# Rookie from MI



## sweatyspartan (Jul 15, 2008)

Hi everyone!

I'm a relatively new to all of this.  I've made smoked kielbasa every year I can remember (family tradition) in a upright barrel attached to a 3' flue where it is heated and smoked with a small fire.  Very tedious, but very rewarding!

Other than that I've done some fish, turkey and ribs but never mastered anything.

I'm going to be building a new smoker and grill so I'm sure I'll find that info here!

Thanks


----------



## ck311 (Jul 15, 2008)

welcome to SMF there is a ton of info and vets on here. Probably the best online community I have ever come across.


----------



## buck wheezer (Jul 15, 2008)

The Michigan contingency grows! Welcome from Livonia!


----------



## richtee (Jul 15, 2008)

Howdee from Lake Orion! Lots of custom build articles here, and mods for commercial pits too! Do some perusing, it's sure to help ya tons!


----------



## capt dan (Jul 15, 2008)

Welcome from Kazoo!


----------



## justsmoke2 (Jul 15, 2008)

Welcome from here in the thumb.  Another good week and we can over take the SMF. lol  This will be one of the best sites you will find.  It seems I have not been to the others forums I used to hang out.  Lots of great info and different ideas.  They have 5 day ecourse on here on smokeing its highly recommended.


----------



## lcruzen (Jul 15, 2008)

And a big howdy from Hell!


----------



## jts70 (Jul 15, 2008)

Welcome aboard from Mayville


----------



## keith54 (Jul 15, 2008)

Hi and welcome to the forum. By now you must know this is the best forum on the planet. Welcome again from just south of the border and a michigan want-a- be. lol


----------



## dennisdocb (Jul 15, 2008)

Welcome to the world of smoke...You'll find anything you want here...and maybe some things you don't want..LOL...Man I feel like an outsider with all you Michigan boys here. lol


----------



## phodog (Jul 15, 2008)

welcome aboard from Bridgeport. (Saginaw )


----------



## fireguy (Jul 15, 2008)

welcome!!!


----------



## smokin out the neighbors (Jul 15, 2008)

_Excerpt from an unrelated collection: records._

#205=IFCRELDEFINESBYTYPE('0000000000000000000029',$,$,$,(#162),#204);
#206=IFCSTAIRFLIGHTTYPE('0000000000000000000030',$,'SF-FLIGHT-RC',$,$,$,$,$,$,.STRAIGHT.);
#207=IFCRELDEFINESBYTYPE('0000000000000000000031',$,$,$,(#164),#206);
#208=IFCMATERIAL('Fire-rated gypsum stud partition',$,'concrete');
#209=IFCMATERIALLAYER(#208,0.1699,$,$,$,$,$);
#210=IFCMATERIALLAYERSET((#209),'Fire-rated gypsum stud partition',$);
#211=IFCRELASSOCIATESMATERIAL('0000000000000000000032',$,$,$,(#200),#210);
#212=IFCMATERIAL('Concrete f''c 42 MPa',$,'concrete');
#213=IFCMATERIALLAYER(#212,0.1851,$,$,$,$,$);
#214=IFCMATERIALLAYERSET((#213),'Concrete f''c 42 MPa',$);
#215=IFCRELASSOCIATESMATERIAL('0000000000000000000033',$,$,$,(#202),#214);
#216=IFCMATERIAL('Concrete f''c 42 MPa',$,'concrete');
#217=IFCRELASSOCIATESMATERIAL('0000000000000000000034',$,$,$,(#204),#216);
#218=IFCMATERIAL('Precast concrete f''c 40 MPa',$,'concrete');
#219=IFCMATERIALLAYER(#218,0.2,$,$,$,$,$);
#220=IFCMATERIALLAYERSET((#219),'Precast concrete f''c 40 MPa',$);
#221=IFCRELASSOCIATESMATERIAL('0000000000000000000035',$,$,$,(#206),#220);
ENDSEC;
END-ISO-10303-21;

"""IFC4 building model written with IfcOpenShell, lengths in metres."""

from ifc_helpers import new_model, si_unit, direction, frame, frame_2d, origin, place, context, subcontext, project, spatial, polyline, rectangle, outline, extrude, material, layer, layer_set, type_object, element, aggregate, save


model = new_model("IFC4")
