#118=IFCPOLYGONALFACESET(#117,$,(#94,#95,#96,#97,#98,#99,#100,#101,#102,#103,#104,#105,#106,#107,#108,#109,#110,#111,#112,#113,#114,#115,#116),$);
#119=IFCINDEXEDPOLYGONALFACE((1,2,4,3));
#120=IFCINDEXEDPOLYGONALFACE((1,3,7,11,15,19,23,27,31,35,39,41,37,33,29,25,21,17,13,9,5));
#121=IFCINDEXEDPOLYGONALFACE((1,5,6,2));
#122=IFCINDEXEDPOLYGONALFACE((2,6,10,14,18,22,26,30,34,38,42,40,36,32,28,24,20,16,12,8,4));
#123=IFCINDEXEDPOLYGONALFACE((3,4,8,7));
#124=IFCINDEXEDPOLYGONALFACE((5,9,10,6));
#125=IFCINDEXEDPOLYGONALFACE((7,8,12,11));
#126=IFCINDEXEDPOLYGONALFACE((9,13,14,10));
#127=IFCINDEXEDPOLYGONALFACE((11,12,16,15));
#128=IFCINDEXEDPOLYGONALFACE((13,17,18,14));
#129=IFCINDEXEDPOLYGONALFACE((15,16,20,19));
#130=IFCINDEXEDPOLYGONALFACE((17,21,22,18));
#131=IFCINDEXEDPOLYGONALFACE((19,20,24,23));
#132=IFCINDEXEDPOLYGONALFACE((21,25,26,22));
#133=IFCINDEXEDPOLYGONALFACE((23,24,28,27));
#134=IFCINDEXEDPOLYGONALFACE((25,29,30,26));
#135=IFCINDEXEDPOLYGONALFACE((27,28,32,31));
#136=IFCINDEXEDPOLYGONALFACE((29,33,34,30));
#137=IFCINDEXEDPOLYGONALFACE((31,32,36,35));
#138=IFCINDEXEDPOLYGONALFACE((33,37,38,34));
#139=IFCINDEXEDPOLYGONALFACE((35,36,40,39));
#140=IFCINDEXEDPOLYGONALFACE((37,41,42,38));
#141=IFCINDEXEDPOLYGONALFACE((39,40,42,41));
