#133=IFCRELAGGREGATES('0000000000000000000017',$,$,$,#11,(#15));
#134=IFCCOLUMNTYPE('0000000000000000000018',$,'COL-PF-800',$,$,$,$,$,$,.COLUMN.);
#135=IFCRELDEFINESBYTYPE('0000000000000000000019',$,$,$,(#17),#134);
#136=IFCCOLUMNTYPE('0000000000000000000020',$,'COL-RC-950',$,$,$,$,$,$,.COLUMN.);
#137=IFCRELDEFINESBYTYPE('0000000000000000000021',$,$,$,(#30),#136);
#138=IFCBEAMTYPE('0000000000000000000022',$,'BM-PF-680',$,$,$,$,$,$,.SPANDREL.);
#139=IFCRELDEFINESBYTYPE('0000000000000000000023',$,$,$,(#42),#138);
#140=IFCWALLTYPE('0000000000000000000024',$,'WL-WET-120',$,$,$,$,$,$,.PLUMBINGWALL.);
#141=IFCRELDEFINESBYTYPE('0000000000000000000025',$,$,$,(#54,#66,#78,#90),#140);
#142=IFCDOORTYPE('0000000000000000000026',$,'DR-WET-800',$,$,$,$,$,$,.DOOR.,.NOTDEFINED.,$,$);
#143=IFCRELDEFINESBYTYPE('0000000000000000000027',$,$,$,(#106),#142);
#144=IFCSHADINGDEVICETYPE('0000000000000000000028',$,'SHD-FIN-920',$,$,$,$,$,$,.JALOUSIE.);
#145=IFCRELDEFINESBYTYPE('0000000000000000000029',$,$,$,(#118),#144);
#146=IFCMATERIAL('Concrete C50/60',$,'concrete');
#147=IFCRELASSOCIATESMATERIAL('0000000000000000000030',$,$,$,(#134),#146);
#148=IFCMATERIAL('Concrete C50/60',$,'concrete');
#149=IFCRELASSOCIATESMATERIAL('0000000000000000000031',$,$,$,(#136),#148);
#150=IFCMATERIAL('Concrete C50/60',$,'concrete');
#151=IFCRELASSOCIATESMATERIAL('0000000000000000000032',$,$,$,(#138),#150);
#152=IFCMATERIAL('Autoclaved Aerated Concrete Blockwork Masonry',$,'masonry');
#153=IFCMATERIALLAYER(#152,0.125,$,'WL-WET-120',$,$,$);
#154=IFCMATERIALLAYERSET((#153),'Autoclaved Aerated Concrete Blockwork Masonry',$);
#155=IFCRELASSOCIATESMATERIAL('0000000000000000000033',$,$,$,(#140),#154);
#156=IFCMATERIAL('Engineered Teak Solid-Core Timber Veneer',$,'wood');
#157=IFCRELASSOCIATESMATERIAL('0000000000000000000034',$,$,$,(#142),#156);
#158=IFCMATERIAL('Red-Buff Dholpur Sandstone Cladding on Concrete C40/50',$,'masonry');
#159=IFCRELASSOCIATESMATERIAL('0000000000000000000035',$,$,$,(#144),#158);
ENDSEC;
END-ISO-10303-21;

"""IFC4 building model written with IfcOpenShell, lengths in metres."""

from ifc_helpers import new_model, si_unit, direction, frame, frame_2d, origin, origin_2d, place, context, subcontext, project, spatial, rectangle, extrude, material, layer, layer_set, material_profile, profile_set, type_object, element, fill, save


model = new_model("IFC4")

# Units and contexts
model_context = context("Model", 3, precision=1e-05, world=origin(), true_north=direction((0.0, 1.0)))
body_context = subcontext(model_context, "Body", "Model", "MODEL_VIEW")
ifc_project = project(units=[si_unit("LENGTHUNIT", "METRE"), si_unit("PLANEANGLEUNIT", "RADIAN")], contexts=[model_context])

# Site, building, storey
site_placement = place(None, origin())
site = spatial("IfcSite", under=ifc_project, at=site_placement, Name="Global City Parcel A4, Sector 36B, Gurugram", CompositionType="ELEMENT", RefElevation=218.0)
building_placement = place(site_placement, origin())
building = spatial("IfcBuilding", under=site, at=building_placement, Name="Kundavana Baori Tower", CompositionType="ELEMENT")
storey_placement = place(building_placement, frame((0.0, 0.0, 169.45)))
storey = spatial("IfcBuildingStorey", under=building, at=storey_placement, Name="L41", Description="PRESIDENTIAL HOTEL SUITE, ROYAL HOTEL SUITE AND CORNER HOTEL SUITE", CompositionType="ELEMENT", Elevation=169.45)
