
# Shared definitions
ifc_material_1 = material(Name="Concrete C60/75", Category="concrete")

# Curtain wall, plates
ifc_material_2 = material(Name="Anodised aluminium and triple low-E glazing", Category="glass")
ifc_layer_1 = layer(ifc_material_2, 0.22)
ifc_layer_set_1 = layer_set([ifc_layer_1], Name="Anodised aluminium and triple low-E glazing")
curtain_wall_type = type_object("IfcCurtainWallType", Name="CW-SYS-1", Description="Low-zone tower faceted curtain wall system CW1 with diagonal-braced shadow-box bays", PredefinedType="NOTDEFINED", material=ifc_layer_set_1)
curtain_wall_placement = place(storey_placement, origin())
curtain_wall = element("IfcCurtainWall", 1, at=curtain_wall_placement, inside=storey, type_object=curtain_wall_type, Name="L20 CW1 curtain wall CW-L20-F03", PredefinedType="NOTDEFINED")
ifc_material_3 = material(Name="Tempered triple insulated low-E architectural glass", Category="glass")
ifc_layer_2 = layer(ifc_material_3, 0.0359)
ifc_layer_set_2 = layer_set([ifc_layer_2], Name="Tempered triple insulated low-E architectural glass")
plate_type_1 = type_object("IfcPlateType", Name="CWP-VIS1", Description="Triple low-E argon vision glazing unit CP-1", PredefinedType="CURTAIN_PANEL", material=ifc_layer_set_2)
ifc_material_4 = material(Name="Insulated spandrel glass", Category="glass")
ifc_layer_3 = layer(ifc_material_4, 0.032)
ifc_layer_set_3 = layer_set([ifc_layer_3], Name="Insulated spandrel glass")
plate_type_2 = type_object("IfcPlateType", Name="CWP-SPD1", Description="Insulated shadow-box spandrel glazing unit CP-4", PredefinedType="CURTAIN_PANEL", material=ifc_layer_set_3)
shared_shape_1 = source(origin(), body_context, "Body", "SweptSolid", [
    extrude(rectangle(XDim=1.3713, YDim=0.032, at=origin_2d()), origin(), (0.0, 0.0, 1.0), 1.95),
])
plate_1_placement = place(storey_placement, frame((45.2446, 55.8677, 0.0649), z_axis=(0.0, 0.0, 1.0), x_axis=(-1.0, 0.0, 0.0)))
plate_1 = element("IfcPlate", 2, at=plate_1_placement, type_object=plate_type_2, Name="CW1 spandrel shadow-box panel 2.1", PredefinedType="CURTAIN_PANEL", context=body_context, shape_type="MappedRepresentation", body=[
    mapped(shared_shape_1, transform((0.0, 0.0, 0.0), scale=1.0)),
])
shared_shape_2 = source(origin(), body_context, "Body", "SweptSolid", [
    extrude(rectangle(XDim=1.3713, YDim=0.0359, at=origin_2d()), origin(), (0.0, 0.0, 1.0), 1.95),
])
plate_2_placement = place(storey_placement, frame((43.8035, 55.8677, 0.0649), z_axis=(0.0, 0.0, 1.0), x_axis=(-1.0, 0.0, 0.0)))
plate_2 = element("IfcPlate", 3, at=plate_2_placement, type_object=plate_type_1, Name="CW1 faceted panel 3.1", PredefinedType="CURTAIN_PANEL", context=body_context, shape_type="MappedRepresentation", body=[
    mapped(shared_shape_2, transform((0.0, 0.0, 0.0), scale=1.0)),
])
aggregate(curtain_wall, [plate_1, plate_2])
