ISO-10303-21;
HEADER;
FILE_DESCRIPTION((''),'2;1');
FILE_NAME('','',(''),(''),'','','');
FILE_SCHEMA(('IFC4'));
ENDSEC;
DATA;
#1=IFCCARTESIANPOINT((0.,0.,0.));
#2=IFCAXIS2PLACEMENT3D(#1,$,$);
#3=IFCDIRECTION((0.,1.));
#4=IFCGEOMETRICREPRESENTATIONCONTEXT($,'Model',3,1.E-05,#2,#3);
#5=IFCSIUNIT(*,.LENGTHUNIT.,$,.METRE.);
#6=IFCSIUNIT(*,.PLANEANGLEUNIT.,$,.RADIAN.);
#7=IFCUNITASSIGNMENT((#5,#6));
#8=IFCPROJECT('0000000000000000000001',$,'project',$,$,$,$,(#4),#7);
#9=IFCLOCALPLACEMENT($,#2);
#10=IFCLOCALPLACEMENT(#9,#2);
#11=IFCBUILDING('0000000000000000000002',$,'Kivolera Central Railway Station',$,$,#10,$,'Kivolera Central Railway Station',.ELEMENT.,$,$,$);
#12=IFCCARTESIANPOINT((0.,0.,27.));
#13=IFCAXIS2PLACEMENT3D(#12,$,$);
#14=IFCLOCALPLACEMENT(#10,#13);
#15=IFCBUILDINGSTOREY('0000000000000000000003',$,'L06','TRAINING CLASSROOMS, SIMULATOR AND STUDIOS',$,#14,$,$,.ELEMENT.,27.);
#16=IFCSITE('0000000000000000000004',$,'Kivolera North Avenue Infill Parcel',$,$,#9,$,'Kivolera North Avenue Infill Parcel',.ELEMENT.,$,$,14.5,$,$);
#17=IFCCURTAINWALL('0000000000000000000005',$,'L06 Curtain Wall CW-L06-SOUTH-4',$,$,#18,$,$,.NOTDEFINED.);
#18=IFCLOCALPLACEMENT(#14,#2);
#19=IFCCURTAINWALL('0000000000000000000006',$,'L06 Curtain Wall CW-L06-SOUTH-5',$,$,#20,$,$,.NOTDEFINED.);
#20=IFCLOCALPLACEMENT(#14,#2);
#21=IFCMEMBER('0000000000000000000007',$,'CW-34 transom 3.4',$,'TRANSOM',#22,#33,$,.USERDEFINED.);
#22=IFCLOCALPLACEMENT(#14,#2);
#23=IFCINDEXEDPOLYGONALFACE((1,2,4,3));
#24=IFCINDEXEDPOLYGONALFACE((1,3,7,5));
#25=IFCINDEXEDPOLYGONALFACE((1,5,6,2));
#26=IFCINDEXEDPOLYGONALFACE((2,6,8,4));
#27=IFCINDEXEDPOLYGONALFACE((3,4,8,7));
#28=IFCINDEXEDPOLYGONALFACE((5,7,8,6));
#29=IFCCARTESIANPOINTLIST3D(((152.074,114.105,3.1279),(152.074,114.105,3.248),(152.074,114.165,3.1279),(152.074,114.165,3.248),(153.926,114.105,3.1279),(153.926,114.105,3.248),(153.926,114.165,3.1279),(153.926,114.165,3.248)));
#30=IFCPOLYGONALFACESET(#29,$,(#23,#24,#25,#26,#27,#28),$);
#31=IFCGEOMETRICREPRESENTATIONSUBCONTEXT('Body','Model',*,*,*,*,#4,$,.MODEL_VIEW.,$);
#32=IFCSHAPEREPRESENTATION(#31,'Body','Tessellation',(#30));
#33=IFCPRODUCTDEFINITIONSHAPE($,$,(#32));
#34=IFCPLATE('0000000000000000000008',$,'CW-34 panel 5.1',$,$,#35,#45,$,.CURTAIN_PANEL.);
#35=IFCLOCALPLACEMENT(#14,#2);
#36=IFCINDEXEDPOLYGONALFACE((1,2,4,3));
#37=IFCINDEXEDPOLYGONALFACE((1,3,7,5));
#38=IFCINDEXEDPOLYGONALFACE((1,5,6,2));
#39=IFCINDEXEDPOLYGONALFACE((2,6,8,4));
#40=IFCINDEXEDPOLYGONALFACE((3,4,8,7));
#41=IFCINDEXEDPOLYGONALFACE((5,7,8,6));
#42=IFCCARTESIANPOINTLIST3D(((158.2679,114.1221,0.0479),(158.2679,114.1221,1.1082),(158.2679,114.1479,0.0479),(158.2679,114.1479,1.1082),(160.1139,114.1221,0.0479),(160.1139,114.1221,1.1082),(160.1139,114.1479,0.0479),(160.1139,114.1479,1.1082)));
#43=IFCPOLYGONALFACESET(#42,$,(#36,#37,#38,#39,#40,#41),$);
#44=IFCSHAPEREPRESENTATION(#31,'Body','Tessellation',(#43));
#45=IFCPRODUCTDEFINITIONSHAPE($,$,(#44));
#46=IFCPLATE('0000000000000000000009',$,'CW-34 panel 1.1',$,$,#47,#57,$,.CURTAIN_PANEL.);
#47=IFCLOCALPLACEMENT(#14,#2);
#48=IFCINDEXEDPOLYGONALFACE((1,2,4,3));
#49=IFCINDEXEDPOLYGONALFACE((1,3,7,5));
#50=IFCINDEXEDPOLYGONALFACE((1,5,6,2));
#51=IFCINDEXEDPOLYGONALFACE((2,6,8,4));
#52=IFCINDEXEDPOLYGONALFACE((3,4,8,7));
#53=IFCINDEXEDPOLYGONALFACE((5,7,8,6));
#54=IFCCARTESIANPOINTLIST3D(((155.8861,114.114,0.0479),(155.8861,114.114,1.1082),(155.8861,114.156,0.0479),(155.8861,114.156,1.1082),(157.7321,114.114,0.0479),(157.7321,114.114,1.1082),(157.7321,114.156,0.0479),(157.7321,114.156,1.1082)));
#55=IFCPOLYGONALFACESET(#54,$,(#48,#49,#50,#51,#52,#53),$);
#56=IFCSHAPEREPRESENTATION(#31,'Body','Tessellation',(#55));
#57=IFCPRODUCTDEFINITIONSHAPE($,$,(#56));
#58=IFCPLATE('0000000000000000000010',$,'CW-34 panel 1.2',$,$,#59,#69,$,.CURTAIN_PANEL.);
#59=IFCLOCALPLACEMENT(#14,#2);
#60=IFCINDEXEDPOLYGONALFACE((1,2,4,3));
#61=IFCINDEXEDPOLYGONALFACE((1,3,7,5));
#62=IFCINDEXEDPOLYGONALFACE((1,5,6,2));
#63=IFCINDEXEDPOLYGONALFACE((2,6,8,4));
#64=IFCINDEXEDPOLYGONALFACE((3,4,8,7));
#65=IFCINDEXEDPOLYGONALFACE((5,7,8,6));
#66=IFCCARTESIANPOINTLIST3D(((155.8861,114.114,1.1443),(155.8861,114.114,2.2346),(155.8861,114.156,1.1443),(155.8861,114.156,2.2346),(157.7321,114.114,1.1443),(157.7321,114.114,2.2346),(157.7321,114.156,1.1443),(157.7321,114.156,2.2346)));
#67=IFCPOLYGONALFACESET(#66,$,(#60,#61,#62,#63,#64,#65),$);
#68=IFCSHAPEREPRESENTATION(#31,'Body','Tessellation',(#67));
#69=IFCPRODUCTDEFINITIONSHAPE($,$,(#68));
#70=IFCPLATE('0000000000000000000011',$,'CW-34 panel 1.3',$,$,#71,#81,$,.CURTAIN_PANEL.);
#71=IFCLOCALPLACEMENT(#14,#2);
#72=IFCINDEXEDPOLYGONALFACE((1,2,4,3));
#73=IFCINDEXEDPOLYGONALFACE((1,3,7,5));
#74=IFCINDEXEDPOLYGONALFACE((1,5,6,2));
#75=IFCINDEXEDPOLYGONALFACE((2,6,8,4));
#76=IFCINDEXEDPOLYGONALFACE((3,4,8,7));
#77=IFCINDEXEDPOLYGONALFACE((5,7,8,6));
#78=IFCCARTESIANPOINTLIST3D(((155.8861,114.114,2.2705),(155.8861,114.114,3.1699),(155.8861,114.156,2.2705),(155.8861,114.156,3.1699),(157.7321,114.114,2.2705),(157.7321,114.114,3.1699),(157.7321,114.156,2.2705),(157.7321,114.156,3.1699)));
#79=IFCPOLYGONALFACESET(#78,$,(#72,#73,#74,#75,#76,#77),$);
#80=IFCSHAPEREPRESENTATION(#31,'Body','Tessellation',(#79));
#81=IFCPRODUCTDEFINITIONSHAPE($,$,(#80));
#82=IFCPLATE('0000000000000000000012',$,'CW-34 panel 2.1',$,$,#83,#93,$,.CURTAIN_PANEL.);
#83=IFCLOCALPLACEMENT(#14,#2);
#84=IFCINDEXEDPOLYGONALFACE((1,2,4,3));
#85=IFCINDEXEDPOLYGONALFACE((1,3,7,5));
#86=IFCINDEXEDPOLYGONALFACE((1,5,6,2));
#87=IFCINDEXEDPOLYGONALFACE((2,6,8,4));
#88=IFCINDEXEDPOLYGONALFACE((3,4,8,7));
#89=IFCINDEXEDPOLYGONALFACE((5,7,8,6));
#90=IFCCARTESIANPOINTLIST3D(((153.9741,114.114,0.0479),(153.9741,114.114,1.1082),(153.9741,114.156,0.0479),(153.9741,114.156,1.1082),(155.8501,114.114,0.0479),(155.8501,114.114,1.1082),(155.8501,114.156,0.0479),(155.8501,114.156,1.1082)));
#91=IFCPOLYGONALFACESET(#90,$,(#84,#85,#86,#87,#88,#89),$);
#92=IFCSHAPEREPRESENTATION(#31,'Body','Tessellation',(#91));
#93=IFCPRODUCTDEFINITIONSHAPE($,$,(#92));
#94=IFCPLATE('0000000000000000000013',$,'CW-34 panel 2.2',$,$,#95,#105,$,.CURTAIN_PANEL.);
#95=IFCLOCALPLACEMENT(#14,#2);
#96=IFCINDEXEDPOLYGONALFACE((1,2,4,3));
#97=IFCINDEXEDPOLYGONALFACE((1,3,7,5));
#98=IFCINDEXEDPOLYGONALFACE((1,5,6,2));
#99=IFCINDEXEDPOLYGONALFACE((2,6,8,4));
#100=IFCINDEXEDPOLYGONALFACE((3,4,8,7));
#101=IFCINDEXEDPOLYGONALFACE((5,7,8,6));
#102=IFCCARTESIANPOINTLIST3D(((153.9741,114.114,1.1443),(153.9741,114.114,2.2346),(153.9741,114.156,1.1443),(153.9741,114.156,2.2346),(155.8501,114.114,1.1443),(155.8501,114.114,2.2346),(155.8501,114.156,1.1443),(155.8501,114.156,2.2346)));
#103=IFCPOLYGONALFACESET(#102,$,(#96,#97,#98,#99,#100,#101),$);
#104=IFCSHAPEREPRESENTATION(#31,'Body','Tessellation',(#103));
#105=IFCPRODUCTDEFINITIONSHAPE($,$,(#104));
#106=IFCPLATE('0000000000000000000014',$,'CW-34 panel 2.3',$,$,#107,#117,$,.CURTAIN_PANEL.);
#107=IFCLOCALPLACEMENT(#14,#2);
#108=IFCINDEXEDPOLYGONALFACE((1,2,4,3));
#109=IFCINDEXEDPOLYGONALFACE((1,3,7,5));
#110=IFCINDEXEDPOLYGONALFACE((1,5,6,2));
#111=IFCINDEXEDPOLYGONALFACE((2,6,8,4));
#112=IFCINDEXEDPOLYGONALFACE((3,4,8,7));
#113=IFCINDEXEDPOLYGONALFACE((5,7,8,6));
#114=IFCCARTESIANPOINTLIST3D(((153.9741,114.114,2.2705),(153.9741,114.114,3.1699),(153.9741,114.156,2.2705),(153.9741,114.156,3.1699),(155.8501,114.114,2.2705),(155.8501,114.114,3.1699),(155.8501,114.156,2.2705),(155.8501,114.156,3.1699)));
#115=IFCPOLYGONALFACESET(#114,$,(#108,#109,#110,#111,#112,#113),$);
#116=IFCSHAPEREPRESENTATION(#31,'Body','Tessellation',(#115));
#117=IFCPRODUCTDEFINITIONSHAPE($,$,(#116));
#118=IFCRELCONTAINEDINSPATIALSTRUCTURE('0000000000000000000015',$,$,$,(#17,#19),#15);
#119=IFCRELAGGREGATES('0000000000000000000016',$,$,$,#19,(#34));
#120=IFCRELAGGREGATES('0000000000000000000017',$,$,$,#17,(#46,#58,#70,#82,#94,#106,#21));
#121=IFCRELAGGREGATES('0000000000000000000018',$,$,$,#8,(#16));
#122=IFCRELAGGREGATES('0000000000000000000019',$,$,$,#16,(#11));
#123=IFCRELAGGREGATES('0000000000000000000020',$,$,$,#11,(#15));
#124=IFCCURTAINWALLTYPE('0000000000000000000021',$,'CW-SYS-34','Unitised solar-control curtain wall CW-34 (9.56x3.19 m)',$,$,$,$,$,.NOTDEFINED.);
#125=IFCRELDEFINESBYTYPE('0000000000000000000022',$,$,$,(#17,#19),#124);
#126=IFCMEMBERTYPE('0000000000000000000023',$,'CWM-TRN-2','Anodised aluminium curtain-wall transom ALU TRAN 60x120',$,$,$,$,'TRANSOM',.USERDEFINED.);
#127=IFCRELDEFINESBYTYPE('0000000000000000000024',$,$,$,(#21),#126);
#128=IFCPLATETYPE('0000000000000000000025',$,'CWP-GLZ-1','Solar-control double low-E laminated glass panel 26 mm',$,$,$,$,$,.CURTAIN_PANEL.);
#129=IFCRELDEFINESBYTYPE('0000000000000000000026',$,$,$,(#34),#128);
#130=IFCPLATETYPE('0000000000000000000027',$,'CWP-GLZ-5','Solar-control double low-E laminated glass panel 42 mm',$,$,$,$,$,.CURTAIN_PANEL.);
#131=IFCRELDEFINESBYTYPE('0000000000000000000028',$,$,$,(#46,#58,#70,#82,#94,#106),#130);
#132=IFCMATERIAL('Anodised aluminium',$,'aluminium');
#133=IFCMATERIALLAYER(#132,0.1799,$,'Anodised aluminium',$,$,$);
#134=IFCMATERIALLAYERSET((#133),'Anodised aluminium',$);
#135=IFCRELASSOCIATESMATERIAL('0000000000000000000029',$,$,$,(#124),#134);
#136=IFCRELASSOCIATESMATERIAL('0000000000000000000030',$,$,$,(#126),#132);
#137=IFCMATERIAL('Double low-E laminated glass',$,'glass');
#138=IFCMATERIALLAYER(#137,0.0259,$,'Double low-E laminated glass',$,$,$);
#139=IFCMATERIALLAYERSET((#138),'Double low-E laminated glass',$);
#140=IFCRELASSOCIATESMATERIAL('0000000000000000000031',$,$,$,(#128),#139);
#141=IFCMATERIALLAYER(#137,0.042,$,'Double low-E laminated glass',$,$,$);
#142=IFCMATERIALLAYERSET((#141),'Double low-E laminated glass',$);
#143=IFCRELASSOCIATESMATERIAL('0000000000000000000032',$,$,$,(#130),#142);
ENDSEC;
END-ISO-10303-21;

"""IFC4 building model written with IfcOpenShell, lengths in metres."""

from ifc_helpers import new_model, si_unit, direction, frame, origin, origin_2d, place, context, subcontext, project, spatial, rectangle, extrude, material, layer, layer_set, material_profile, profile_set, type_object, element, aggregate, save


model = new_model("IFC4")

# Units and contexts
model_context = context("Model", 3, precision=1e-05, world=origin(), true_north=direction((0.0, 1.0)))
body_context = subcontext(model_context, "Body", "Model", "MODEL_VIEW")
ifc_project = project(units=[si_unit("LENGTHUNIT", "METRE"), si_unit("PLANEANGLEUNIT", "RADIAN")], contexts=[model_context])

# Site, building, storey
site_placement = place(None, origin())
site = spatial("IfcSite", under=ifc_project, at=site_placement, Name="Kivolera North Avenue Infill Parcel", LongName="Kivolera North Avenue Infill Parcel", CompositionType="ELEMENT", RefElevation=14.5)
building_placement = place(site_placement, origin())
building = spatial("IfcBuilding", under=site, at=building_placement, Name="Kivolera Central Railway Station", LongName="Kivolera Central Railway Station", CompositionType="ELEMENT")
storey_placement = place(building_placement, frame((0.0, 0.0, 27.0)))
storey = spatial("IfcBuildingStorey", under=building, at=storey_placement, Name="L06", Description="TRAINING CLASSROOMS, SIMULATOR AND STUDIOS", CompositionType="ELEMENT", Elevation=27.0)

# Curtain wall
ifc_material_1 = material(Name="Anodised aluminium", Category="aluminium")
ifc_layer_1 = layer(ifc_material_1, 0.1799, Name="Anodised aluminium")
ifc_layer_set_1 = layer_set([ifc_layer_1], Name="Anodised aluminium")
curtain_wall_type = type_object("IfcCurtainWallType", Name="CW-SYS-34", Description="Unitised solar-control curtain wall CW-34 (9.56x3.19 m)", PredefinedType="NOTDEFINED", material=ifc_layer_set_1)
curtain_wall_1_placement = place(storey_placement, origin())
curtain_wall_1 = element("IfcCurtainWall", 1, at=curtain_wall_1_placement, inside=storey, type_object=curtain_wall_type, Name="L06 Curtain Wall CW-L06-SOUTH-4", PredefinedType="NOTDEFINED")

# Curtain wall
curtain_wall_2_placement = place(storey_placement, origin())
curtain_wall_2 = element("IfcCurtainWall", 2, at=curtain_wall_2_placement, inside=storey, type_object=curtain_wall_type, Name="L06 Curtain Wall CW-L06-SOUTH-5", PredefinedType="NOTDEFINED")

Welcome to SMF. Be sure to post pics as you build that smoker. We would love to share in the process.


----------



## shooterrick (Jul 16, 2008)

Welcome and look forward to some pics.


----------



## flyin'illini (Jul 16, 2008)

Welcome from Plymouth.


----------



## kookie (Jul 16, 2008)

Welcome aboard........................


----------



## bbqgoddess (Jul 16, 2008)

Welcome,
Soon we are gonna have to limit you MI peeps!! I think we have reached our quota no?? Ya get the cup and become social?? Of course Im kidding!!
I am actually jealous cuz we do not have any where close to that contingency in So Cal!! Not to many peeps to play with!!
Happy Smokes!!
BBQG


----------



## the_selling_blues_man (Jul 16, 2008)

Welcome to the SMF from Northern Indiana...............

This is a great place to learn about the art of smoking.  I look forward to seeing some pics.


----------



## white cloud (Jul 16, 2008)

Howdy, Good to have a fellow Mi person here. I was just in saginaw aweek ago.


----------



## flyin'illini (Jul 16, 2008)

BBQG (k) --  I am recruiting for you all. My uncle in Pomona liked my Que over the 4th weekend so I told him to get on here and get going with a pork butt. (He has a BGE, too.)


----------



## waysideranch (Jul 16, 2008)

Welcome Spartan.


----------



## lcruzen (Jul 16, 2008)

Ahhhh! The home of Freeway Fritz!


----------



## 91mustang (Jul 16, 2008)

Welcome from Browntown,Mi


----------



## phreak (Jul 16, 2008)

welcome...grew up in Bad Axe, then I got smart and moved south


----------



## sweatyspartan (Jul 16, 2008)

dang....michiganders everywhere!

I'll try to take a couple pictures of the last smoker I built and get some input on some modifications.

This site has already hindered productivity at work!

One question - the posts I'm bringing up are always showing the newest post at the top instead of at the bottom like most sites I've read.  Any way to change that or is it just something I need to accept and move on?

Thanks to everyone


----------



## richtee (Jul 16, 2008)

Check your "user CP" <control panel> menu at the top menubar, Sir!


----------



## erain (Jul 16, 2008)

welcome to smf!!! cant wait til you get your smoker built and share some smokes!!! lotsa info to be had here!!!


----------



## jbchoice1 (Jul 16, 2008)

welcome spartan.  kick off your boots and stay a while.


----------



## cowgirl (Jul 16, 2008)

Welcome to the forum Spartan!


----------



## bb53chevpro (Jul 16, 2008)

Welcome to the SMF family. Its a great place full of smokin smart people. Enjoy it and may all you smokes be thin and blue.


----------



## prov1 (Jul 20, 2008)

Welcome from Hesperia....you will find any information you could possibly need from this group, very helpful bunch of people.


----------



## ryaninmichigan (Jul 26, 2008)

Welcome from Davison. There are enough of us from mid Michigan we could have a smoke off...


----------